Çizgisinden santim sapmayan kararlılıkla...

Okur da belki şunu merak ediyor? Yayın politikanızda neyi ölçü alıyorsunuz? Örneğin her yazar istediğini yazabiliyor mu? Bu anlamda hangi kıstaslarınız var?

Millî Gazete belli hassasiyetleri olan bir gazete. Çünkü Millî Gazete'nin savunduğu görüş, Millî Görüş'tür. Ve bununla da Millî Gazete iftihar etmektedir. Çünkü Millî Görüş'ün sesi olmak öyle sıradan ve kolay bir şey değildir. Konjonktürel hareketlenmeler bugüne kadar sürekli Millî Görüş aleyhine cereyan etmiş ve Anadoluyu, insanımızı, tarihimizi, maneviyatımızı temsil eden Millî Görüş'ün önüne hep bubi tuzakları kurulmuştur. Ancak şu bilinmelidir ki; Millî Gazete bütün bu engellemelere, sıkıntılara, darbelere, yasaklamalara, süreçlere rağmen Millî Görüş'ü savunmada 39 yıl boyunca olduğu gibi bugün de aynı kararlılıkla çizgisine devam etmektedir. Ve Millî Gazete bu hassasiyetlerle birlikte yoluna devam etmek zorundadır. Bunu niçin söylüyorum; çünkü Hakkı söylüyor olmak çok kolay bir şey değildir. 39 yıl önce biz 'Hak Geldi, Batıl Zail Oldu' dedik, bugün de 'Hak Geldi, Batıl Zail Oldu' diyoruz. Bunu söyleyebilmek hakikaten kolay bir şey değildir. Bu Millî Gazete'nin en büyük başarısıdır. Çizgisinden santim sapmamış olmak çok önemlidir. 39 yıldır sürdürülen psikolojik savaşlara ve diğer yıldırmalara, baskılara rağmen Millî Gazete'nin bu kararlılığı önemli bir kararlılıktır. Millî Gazete'yi diğer gazetelerden ayıran en önemli fark da bu. Çünkü Millî Gazete bir grubun, bir para babasının, bir holdingin, bir bankanın, bir kartelin gazetesi değil. Millî Gazete bir camianın gazetesidir, belli bir misyonu ve kimliği vardır ve bu paralelde yayıncılık yapmaktadır. Bu takdir edersiniz ki en zor şeydir. Zira durum kollayarak pozisyon değiştirmiyorsunuz. Konjonktüre göre pozisyon değiştiren bazı gazete ve yayın organları belki rahat ediyor olabilir. Önü açılıyor olabilir. İnandığı değerlerin takipçisi olarak mutlaka ve mutlaka 'Yeni Bir Dünya'nın kurulması hedefi ve gayesinde olduğu için Millî Gazete'nin işi kolay değil. Psikolojik savaş dün vardı, bugün var, yarın da olacak. Millî Gazete bunun üstesinden yine gelecektir.
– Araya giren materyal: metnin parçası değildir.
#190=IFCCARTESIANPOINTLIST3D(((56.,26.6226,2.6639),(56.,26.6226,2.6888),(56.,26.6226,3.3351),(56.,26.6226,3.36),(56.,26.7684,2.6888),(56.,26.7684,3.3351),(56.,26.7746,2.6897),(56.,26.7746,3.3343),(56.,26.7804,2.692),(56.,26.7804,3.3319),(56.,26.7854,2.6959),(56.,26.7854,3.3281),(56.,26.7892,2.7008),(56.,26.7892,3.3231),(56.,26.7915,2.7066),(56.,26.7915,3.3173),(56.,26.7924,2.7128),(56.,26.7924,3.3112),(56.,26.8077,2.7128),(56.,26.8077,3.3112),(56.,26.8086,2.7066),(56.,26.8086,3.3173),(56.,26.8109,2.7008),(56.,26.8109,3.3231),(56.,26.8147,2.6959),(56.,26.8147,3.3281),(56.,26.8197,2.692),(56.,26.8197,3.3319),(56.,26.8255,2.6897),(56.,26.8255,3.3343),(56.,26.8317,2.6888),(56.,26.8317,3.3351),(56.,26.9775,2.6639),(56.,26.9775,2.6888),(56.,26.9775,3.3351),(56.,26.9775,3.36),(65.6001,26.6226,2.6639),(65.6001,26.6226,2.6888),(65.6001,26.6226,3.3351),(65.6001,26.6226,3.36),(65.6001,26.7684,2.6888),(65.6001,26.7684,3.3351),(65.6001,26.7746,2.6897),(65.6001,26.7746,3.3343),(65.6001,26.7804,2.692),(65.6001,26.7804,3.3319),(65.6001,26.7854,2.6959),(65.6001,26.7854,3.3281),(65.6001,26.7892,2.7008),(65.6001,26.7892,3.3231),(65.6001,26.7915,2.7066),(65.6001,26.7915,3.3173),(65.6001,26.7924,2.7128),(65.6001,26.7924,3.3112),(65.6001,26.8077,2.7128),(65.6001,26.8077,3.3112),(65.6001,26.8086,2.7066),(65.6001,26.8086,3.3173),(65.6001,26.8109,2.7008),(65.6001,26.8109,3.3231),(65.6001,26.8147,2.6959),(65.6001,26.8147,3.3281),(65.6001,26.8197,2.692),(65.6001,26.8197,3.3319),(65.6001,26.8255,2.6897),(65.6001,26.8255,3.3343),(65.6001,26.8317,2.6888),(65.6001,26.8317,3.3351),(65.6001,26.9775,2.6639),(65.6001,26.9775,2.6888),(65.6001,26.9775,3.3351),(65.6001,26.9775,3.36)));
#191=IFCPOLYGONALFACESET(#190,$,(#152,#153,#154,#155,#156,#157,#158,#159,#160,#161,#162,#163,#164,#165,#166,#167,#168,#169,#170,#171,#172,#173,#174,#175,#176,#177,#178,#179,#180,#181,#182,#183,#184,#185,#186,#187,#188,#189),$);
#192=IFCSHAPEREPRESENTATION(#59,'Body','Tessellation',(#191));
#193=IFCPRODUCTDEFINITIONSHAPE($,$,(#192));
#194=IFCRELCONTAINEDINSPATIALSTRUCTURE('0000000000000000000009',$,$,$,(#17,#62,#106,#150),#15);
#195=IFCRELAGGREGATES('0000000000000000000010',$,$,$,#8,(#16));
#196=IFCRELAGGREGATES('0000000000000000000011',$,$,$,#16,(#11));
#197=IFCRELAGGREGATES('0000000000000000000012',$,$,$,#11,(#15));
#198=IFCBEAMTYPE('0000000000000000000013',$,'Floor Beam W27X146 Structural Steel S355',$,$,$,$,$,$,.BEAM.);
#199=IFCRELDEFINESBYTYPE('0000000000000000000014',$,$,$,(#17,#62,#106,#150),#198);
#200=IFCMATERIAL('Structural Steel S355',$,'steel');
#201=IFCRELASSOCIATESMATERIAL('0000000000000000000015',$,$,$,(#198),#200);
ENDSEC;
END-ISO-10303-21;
"Millî Gazete 100 bin satsa devrim olur"

Göreve geldiğiniz zaman Millî Gazete'nin tirajı neydi, şimdi ne oldu? Hazreti Yusuf'la ilgili bir promosyon verdiniz, beklediğiniz tirajı yakalayabildiniz mi? Tiraj hedefiniz ne?

Önümüz yaz dönemi. Yaz ayları gazetelerin en handikaplı dönemdir. Abone çalışmasıyla tiraj yakalamaya çalışan gazeteler açısından zor bir dönemdir. Kimi tatile gider, kimi köyüne gider, öğrenciyse bir başka şehire gider. Evler boşaltılır. Millî Gazete Hazreti Yusuf promosyonuyla 14 bin tiraj aldı. Bu önemli bir ilk adımdı. Şimdi önemli bir promosyon daha veriyoruz. 3 Haziran 2011 tarihinde kuponunu vermeye başlayacağımız 'Namaza İlk Adım' promosyonuyla tirajımızı net 70 bine çıkarmayı planlıyoruz. Vereceğimiz bu promosyonun özelliği şu; tatil başlıyor, Ramazan başlıyor. Türkiye'de ahlaki ve manevi yozlaşma söz konusu. Kur'an öğrenimi 12 yaş altı çocuklarda yasak, maalesef böyle bir ülkede yaşıyoruz. Ağaç yaşken eğilir düsturundan hareket ederek ve Peygamber Efendimizin çocukları 7 yaşından itibaren namazı sevdirme tavsiyeleri doğrultusunda içinde Kur'an alfabesinin de olduğu bu hediyeyi okurlarımıza şiddetle ve hararetle tavsiye ediyoruz. Namaz nasıl kılınır, namaz sureleri, abdest nasıl alınır, namaz vakitleri nedir, bunları çocukların anlayabileceği şekilde çok güzel resimlerle de anlatımı yapılan bir eser bu. Hem kitap hem de dijital bir bölümü var. Bu eser çocukların yanı sıra büyüklerimizi de ilgilendiriyor. Çünkü yetişmiş insanlarımızın bazıları da namaz surelerini yanlış biliyor ama bunu bugüne kadar düzeltememiş olabilir. Utandığı için bilen birine de soramıyor. Dijital bölümde düğmeye bastığınızda Fatiha'yı, Elemtera'yı, Nas surelerini, Kunut Dualarını dinleyebileceksiniz. Bunları tüm tecvit kuralları içinde dinleme imkanı var. Taşıması kolay bir kitap ebatında. Her zaman yanlarında taşıyabilecekleri bir hediye olacak. Çocuklarımız namaz surelerini ve dualarını dinleyerek ezberleyecek. Düşünebiliyor musunuz, çocuklarımız namaz kılmaya başlayacak...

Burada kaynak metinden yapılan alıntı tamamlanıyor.